This post is the connected version of this one.
$\require{AMScd}$Let $\mathcal{C}$ be a tensor category over $\mathbb{C}$ and let $M$ be a Frobenius algebra object in $\mathcal{C}$. Recall that a Frobenius algebra object is self-dual. A Frobenius subalgebra object of $M$ is a Frobenius algebra object $X$ equipped with a monomorphism $i_X: X \to M$, which is compatible with the algebra and unit structures (although not necessarily with the coalgebra and counit structures, otherwise $i_X$ would be an isomorphism); moreover, let us also assume here that $i_X^* \circ i_X = {\rm id}_X$ and $i_X^{**} = i_X$.
Following [Fr64, $\S$1.5], $(X, i_X)$ is a subobject of $M$ (more precisely, a representative of an equivalence class), and these subobjects form a poset. The intersection $A \cap B$ of two subobjects $A$ and $B$ is defined in [Fr64, $\S$2.1] as the greatest lower bound, and it is proven to be the pullback as displayed in the following diagram:
$$ \begin{CD} A \cap B @>j_A>> A \\ @VVj_BV @VVi_AV \\ B @>i_B>> M \end{CD} $$
Assume that $A$ and $B$ are Frobenius subalgebra objects of a connected Frobenius algebra object $M$ (i.e. ${\rm Hom}_{\mathcal{C}}(1, M)$ is one-dimensional).
Question: Is it true that $A \cap B$ is also a Frobenius subalgebra object of $M$?
A Frobenius algebra object is self-dual, and to prove that $A \cap B$ is a Frobenius subalgebra object of $M$, I first need to prove that it is self-dual. In the more general case where $A$, $B$, and $M$ are just assumed to be self-dual, then $A \cap B$ is self-dual in the semisimple case but does not necessarily remain so otherwise. For counterexamples, see the answer to this post.
If the notations are consistent, the Frobenius algebras are precisely the Frobenius algebra objects in the tensor category ${\rm Vec}$, where counterexamples exist, see the answer to this post. Assuming that the Frobenius algebra object is connected allows us to avoid ${\rm Vec}$.

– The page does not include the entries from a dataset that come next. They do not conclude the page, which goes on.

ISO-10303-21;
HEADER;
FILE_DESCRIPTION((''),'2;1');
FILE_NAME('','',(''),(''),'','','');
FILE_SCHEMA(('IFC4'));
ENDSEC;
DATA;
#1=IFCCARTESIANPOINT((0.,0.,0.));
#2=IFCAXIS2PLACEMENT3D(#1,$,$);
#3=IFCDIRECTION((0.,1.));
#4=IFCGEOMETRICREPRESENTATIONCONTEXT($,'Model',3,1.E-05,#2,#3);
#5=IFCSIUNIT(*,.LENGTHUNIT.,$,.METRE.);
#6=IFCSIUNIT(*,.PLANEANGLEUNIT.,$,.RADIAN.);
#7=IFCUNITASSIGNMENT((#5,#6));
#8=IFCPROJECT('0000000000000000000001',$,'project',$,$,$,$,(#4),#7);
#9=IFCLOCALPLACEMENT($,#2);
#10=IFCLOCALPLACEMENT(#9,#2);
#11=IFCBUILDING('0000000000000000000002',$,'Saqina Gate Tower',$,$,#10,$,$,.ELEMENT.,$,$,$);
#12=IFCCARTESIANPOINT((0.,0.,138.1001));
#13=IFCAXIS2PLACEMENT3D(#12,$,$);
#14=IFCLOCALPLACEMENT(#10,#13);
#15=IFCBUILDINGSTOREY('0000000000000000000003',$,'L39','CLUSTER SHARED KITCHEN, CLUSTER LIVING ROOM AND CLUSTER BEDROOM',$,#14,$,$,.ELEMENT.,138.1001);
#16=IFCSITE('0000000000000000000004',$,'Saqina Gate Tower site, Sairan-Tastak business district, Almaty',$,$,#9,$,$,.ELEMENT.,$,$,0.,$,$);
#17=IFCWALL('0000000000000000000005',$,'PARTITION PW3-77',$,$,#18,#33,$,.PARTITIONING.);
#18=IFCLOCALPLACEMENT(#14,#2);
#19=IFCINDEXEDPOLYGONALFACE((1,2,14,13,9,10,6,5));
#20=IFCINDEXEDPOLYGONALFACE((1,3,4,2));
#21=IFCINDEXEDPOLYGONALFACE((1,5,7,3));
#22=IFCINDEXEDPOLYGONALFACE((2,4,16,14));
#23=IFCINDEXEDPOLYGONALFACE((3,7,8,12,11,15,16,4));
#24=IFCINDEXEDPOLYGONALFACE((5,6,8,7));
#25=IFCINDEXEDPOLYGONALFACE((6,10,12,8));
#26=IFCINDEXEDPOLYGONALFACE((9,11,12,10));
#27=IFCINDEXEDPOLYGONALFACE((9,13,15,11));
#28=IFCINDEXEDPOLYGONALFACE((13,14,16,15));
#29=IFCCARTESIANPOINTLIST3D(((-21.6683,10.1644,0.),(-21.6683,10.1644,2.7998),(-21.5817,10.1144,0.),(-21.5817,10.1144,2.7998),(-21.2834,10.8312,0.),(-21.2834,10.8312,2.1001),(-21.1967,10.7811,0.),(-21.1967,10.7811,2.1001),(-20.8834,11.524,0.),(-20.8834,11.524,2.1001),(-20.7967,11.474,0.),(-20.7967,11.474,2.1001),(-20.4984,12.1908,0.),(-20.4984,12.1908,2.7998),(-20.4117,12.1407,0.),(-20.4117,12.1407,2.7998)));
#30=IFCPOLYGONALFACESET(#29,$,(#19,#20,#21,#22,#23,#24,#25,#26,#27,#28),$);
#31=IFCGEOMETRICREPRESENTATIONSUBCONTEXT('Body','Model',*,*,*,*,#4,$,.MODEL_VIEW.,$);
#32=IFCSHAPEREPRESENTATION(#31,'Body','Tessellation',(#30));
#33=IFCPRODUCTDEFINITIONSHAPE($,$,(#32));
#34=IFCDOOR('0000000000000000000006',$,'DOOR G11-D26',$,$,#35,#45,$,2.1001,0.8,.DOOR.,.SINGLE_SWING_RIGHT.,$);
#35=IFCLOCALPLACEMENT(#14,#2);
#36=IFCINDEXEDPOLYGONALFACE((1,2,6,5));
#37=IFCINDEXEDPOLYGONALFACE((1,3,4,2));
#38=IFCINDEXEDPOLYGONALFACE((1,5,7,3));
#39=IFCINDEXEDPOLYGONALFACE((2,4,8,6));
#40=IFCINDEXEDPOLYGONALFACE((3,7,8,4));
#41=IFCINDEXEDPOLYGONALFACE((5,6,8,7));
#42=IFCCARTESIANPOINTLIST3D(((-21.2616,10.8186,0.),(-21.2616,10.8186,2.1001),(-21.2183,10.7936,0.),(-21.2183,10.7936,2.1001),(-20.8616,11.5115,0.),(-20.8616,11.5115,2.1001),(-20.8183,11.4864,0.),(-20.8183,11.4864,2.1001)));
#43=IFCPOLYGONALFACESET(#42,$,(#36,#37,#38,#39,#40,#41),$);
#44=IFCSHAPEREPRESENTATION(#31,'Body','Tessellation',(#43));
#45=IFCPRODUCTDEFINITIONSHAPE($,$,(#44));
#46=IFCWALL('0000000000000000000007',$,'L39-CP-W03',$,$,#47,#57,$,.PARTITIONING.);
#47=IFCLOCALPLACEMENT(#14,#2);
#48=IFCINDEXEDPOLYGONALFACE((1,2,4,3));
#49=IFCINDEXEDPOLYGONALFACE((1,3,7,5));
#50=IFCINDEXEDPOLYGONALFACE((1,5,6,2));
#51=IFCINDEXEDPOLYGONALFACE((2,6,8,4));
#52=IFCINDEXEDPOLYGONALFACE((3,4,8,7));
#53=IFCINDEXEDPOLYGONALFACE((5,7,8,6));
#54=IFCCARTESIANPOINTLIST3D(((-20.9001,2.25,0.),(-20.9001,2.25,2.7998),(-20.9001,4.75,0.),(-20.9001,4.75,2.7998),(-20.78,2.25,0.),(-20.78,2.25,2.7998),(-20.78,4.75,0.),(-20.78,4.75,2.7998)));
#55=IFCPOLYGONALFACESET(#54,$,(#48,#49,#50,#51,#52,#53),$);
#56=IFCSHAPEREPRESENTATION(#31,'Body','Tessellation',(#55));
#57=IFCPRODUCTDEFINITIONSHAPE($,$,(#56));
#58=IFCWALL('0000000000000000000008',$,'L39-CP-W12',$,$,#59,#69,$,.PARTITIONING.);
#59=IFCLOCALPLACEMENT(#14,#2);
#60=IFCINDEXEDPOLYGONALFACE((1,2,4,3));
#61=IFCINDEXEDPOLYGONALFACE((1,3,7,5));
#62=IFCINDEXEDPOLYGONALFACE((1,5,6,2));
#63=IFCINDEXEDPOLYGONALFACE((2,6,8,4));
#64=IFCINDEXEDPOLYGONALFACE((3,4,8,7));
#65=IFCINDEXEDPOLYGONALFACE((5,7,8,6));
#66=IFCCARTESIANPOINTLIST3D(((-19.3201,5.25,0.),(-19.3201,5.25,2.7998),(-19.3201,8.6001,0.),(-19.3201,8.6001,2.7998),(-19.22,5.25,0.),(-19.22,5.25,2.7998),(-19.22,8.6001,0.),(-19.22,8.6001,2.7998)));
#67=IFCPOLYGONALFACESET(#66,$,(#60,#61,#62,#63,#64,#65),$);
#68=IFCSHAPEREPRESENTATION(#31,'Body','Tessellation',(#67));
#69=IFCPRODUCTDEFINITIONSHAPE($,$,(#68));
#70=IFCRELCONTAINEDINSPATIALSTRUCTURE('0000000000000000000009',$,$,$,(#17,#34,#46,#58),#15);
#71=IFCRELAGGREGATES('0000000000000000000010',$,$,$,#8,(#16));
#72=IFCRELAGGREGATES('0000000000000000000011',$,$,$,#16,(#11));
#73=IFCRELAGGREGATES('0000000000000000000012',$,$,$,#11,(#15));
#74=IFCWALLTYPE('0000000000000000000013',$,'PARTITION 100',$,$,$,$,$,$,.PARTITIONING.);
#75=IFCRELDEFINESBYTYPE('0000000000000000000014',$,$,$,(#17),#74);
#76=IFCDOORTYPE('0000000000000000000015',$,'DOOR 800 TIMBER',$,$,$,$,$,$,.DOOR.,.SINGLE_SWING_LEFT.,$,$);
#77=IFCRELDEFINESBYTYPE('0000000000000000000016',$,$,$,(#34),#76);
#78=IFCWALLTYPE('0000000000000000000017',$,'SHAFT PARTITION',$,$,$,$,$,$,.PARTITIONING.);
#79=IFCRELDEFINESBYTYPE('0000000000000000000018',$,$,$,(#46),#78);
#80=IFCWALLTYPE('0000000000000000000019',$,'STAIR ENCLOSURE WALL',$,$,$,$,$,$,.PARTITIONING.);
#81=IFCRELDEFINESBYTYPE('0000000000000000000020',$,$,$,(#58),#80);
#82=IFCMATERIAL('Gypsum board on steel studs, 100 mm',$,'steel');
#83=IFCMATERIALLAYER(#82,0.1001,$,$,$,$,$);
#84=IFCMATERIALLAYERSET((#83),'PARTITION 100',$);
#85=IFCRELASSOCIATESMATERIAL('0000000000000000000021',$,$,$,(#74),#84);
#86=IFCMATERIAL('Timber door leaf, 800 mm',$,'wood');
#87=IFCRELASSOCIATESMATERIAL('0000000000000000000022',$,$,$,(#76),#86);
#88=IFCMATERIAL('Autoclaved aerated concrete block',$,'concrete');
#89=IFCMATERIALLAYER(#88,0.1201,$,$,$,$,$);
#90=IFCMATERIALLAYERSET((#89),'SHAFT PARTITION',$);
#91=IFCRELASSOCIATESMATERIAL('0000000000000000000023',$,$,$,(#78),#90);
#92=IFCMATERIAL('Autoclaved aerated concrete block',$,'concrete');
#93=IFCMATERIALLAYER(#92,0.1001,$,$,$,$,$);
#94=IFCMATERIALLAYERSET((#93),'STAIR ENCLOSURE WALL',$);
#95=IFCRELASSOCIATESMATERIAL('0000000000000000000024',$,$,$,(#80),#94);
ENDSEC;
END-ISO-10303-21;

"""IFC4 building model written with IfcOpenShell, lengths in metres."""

from ifc_helpers import new_model, si_unit, direction, frame, frame_2d, origin, place, context, subcontext, project, spatial, rectangle, extrude, material, layer, layer_set, type_object, element, fill, save


model = new_model("IFC4")

# Units and contexts
model_context = context("Model", 3, precision=1e-05, world=origin(), true_north=direction((0.0, 1.0)))
body_context = subcontext(model_context, "Body", "Model", "MODEL_VIEW")
ifc_project = project(units=[si_unit("LENGTHUNIT", "METRE"), si_unit("PLANEANGLEUNIT", "RADIAN")], contexts=[model_context])

# Site, building, storey
site_placement = place(None, origin())
site = spatial("IfcSite", under=ifc_project, at=site_placement, Name="Saqina Gate Tower site, Sairan-Tastak business district, Almaty", CompositionType="ELEMENT", RefElevation=0.0)
building_placement = place(site_placement, origin())
building = spatial("IfcBuilding", under=site, at=building_placement, Name="Saqina Gate Tower", CompositionType="ELEMENT")
storey_placement = place(building_placement, frame((0.0, 0.0, 138.1001)))
storey = spatial("IfcBuildingStorey", under=building, at=storey_placement, Name="L39", Description="CLUSTER SHARED KITCHEN, CLUSTER LIVING ROOM AND CLUSTER BEDROOM", CompositionType="ELEMENT", Elevation=138.1001)

# Shared definitions
ifc_material_1 = material(Name="Gypsum board on steel studs, 100 mm", Category="steel")
ifc_layer_1 = layer(ifc_material_1, 0.1001)
ifc_layer_set_1 = layer_set([ifc_layer_1], Name="PARTITION 100")
wall_type_1 = type_object("IfcWallType", Name="PARTITION 100", PredefinedType="PARTITIONING", material=ifc_layer_set_1)

# Wall, opening, door
wall_1_placement = place(storey_placement, frame((-21.625, 10.1394, 0.0), z_axis=(0.0, 0.0, 1.0), x_axis=(0.499999, 0.866026, 0.0)))
wall_1 = element("IfcWall", 1, at=wall_1_placement, inside=storey, type_object=wall_type_1, Name="PARTITION PW3-77", PredefinedType="PARTITIONING", context=body_context, shape_type="SweptSolid", body=[
    extrude(rectangle(XDim=2.3398, YDim=0.1001, at=frame_2d((1.1699, 0.0))), origin(), (0.0, 0.0, 1.0), 2.7998),
])
opening_1_placement = place(wall_1_placement, frame((0.77, 0.0, 0.0)))
opening_1 = element("IfcOpeningElement", 2, at=opening_1_placement, cuts=wall_1, PredefinedType="OPENING", context=body_context, shape_type="SweptSolid", body=[
    extrude(rectangle(XDim=0.8, YDim=2.1001, at=frame_2d((0.3999, 1.05))), frame((0.0, 0.062, 0.0), z_axis=(0.0, -1.0, 0.0), x_axis=(1.0, 0.0, 0.0)), (0.0, 0.0, 1.0), 0.124),
])
ifc_material_2 = material(Name="Timber door leaf, 800 mm", Category="wood")
door_type_1 = type_object("IfcDoorType", Name="DOOR 800 TIMBER", OperationType="SINGLE_SWING_LEFT", PredefinedType="DOOR", material=ifc_material_2)
door_1_placement = place(opening_1_placement, origin())
door_1 = element("IfcDoor", 3, at=door_1_placement, inside=storey, type_object=door_type_1, Name="DOOR G11-D26", OperationType="SINGLE_SWING_RIGHT", OverallHeight=2.1001, OverallWidth=0.8, PredefinedType="DOOR", context=body_context, shape_type="SweptSolid", body=[
    extrude(rectangle(XDim=0.8, YDim=2.1001, at=frame_2d((0.3999, 1.05))), frame((0.0, 0.0249, 0.0), z_axis=(0.0, -1.0, 0.0), x_axis=(1.0, 0.0, 0.0)), (0.0, 0.0, 1.0), 0.05),
])
fill(opening_1, door_1)

# Walls
ifc_material_3 = material(Name="Autoclaved aerated concrete block", Category="concrete")
ifc_layer_2 = layer(ifc_material_3, 0.1201)
ifc_layer_set_2 = layer_set([ifc_layer_2], Name="SHAFT PARTITION")
wall_type_2 = type_object("IfcWallType", Name="SHAFT PARTITION", PredefinedType="PARTITIONING", material=ifc_layer_set_2)
wall_2_placement = place(storey_placement, frame((-20.8401, 2.25, 0.0), z_axis=(0.0, 0.0, 1.0), x_axis=(0.0, 1.0, 0.0)))
element("IfcWall", 4, at=wall_2_placement, inside=storey, type_object=wall_type_2, Name="L39-CP-W03", PredefinedType="PARTITIONING", context=body_context, shape_type="SweptSolid", body=[
    extrude(rectangle(XDim=2.5, YDim=0.1201, at=frame_2d((1.25, 0.0))), origin(), (0.0, 0.0, 1.0), 2.7998),
])
ifc_material_4 = material(Name="Autoclaved aerated concrete block", Category="concrete")
ifc_layer_3 = layer(ifc_material_4, 0.1001)
ifc_layer_set_3 = layer_set([ifc_layer_3], Name="STAIR ENCLOSURE WALL")
wall_type_3 = type_object("IfcWallType", Name="STAIR ENCLOSURE WALL", PredefinedType="PARTITIONING", material=ifc_layer_set_3)
wall_3_placement = place(storey_placement, frame((-19.27, 5.25, 0.0), z_axis=(0.0, 0.0, 1.0), x_axis=(0.0, 1.0, 0.0)))
element("IfcWall", 5, at=wall_3_placement, inside=storey, type_object=wall_type_3, Name="L39-CP-W12", PredefinedType="PARTITIONING", context=body_context, shape_type="SweptSolid", body=[
    extrude(rectangle(XDim=3.3501, YDim=0.1001, at=frame_2d((1.675, 0.0))), origin(), (0.0, 0.0, 1.0), 2.7998),
])

save(model, "model.ifc")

If the above question has a negative answer, I wonder if there is a more appropriate way to define such an intersection to yield a positive answer.
Reference:
[Fr64] Freyd, Peter. Abelian Categories: An Introduction to the Theory of Functors. Harper's Series in Modern Mathematics. Harper & Row, Publishers, New York, 1964. xi+164 pp.